I think this is the crux of the matter. I know a few people who spent their
20s traveling abroad and having great life experiences, and now that they're
in their 30s, they're like "Shit, I have no career, I'm working at Whole Foods
/ living off my parents / flat broke and I'll never be able to afford the life
milestones that I took for granted like getting married, having kids, or
owning a house."

I think the root of the problem is that evolutionarily, our happiness emotion
didn't evolve to make us happy.
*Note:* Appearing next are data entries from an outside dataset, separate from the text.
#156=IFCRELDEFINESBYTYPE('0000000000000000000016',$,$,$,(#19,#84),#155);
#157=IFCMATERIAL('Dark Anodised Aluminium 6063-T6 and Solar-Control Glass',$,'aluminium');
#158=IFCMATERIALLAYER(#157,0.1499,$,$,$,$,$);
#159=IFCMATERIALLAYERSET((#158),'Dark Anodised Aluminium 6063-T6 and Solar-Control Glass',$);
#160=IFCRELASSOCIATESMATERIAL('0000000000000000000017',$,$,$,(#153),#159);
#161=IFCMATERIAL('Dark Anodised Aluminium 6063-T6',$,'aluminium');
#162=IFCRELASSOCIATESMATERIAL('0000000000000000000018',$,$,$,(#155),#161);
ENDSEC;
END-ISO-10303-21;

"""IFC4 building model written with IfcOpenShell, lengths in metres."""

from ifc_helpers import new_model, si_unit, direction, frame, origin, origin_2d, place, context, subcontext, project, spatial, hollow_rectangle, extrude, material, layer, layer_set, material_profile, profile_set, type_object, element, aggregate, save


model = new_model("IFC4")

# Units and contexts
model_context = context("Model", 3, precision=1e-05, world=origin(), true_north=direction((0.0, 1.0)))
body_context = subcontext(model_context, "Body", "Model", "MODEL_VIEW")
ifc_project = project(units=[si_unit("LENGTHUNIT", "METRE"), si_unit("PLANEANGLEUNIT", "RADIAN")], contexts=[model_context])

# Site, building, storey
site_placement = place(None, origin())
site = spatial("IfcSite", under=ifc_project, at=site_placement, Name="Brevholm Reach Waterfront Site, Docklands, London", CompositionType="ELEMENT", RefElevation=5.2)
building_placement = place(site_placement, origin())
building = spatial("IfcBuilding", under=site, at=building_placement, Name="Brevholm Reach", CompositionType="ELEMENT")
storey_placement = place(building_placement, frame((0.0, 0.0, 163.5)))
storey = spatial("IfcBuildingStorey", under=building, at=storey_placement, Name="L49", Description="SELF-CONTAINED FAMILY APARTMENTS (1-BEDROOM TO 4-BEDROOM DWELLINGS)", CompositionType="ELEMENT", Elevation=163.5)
Rather, it evolved to force us to take actions
which increase our chance of passing on our genes. There's pretty ample
evidence for this (Google [hedonic treadmill], for example), and yet we keep
wishing we were happier. I guess we're fated to do this, because people who
didn't wish they were happier wouldn't be driven to take actions to pass on
their genes.

FWIW, I don't regret working hard (at some startups, and also one big corp)
during my 20s at all. It was what I wanted to do at the time, and it's given
me some cushion to do other things I want to do. Plus I got to work on some
really cool projects with some great other people, and had a lot of fun doing
so.

------
theprotocol
I must have been an early bloomer. :)

I've always loved the technical parts of my job (and still do), but since day
1 of my career I've gotten nothing but scheming and toxicity when dealing with
my superiors and my various counterparts.

I'm not entirely sure if I've simply been unlucky, or if the majority of
workplaces really are this high strung. The existence of Dilbert suggests the
latter.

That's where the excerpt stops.